Prime numbers, factors and multiples are essential building blocks for a lot of number work. Knowledge of how to use these numbers will improve arithmetic and make calculations more efficient.

Part of MathsNumber

Highest common factors and lowest common multiples using prime factors

In some questions the (HCF) or (LCM) of two large numbers may need to be found.

It would take a long time to write out all the factors and multiples of 24 and 180 and compare the lists and it would be easy to make a mistake.

A more efficient method is to use prime factors.

Using prime factors to find the HCF and LCM

Numbers can be broken down into prime factors using prime factor trees. When the prime factors of two numbers are known, they can be compared to calculate HCFs and LCMs.
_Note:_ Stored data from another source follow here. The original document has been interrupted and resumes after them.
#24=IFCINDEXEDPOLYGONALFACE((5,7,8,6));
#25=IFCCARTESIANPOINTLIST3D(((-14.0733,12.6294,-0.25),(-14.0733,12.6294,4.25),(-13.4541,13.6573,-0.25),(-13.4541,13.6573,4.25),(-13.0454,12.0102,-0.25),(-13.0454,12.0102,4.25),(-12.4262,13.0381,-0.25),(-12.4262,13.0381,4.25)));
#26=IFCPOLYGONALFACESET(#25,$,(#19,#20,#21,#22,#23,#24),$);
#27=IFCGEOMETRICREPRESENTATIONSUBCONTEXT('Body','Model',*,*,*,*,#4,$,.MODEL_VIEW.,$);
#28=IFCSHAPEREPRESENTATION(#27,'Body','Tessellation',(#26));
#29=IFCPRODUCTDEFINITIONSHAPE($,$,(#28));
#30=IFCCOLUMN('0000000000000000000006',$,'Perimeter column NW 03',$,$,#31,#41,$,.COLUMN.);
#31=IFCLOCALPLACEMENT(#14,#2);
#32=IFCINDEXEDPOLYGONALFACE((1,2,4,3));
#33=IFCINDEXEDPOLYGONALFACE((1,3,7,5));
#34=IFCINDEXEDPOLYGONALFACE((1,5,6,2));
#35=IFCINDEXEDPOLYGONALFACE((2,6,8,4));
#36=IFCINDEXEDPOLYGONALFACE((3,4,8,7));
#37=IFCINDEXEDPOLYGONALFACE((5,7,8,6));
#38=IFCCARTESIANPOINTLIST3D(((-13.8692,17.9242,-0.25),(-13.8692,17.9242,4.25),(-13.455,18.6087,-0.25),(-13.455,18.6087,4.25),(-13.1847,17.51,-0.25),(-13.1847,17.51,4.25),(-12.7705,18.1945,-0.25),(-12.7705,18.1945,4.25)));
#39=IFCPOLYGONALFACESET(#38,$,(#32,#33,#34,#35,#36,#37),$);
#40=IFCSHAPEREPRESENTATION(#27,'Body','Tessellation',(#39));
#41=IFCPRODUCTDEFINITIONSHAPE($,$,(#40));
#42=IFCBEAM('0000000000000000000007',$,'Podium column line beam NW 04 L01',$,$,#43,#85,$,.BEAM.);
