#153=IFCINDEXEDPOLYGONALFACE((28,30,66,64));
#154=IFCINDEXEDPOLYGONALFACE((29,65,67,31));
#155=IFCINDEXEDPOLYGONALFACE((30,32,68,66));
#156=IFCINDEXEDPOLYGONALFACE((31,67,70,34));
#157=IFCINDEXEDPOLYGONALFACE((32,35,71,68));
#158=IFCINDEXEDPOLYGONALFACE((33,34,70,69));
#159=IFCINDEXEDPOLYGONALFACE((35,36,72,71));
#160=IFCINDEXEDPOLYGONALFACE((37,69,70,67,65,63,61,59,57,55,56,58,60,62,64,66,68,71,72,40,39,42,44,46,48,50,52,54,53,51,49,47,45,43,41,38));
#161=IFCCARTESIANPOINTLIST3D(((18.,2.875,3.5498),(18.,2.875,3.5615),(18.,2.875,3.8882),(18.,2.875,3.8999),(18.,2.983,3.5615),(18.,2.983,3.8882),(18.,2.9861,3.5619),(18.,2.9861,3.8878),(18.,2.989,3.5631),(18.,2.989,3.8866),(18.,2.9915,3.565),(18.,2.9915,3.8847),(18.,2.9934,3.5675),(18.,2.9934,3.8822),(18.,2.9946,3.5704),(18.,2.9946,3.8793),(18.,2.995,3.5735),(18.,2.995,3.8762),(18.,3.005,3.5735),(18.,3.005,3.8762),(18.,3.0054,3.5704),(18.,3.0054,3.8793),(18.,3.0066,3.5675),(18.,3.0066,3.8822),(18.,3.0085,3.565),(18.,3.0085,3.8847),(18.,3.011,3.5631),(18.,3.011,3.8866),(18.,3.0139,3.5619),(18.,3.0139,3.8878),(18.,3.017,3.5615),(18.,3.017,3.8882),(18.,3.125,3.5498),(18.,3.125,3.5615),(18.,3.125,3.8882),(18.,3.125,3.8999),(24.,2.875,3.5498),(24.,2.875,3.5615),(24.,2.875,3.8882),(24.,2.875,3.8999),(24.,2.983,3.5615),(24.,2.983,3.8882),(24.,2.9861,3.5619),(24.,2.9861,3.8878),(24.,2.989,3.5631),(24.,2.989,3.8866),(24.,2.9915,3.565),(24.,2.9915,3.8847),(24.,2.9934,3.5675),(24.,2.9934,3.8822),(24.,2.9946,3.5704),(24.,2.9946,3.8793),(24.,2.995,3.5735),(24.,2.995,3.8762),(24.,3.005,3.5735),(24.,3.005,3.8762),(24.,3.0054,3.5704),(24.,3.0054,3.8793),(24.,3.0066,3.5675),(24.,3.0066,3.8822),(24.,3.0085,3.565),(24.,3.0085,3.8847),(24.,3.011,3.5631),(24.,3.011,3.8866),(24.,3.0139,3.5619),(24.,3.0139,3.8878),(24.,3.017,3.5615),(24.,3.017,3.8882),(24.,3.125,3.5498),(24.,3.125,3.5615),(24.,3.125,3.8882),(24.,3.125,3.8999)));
This can be a more efficient method than listing the factors and multiples of large numbers.

Example

Find the highest common factor and lowest common multiple of 24 and 180.

Start by listing the prime factors of 24 and 180.

Factor trees of 24 and 180

The product of prime factors for 24 is: \(2 \times 2 \times 2 \times 3\)

The product of prime factors for 180 is: \(2 \times 2 \times 3 \times 3 \times 5\)

To find the HCF, find any prime factors that are in common between the lists. Each list contains two 2s and one 3, so use these for the HCF.

HCF = \(2 \times 2 \times 3 = 12\)

Cross any numbers used so far off the lists.

The product of prime factors for 24 is: \(\cancel2\times\cancel2\times2\times\cancel3\)

The product of prime factors for 180 is: \(\cancel2\times\cancel2\times\cancel3\times3\times5\)

To find the LCM, multiply the HCF by all the numbers in the lists that have not yet been used.

LCM = \(12 \times 2 \times 3 \times 5 = 360\)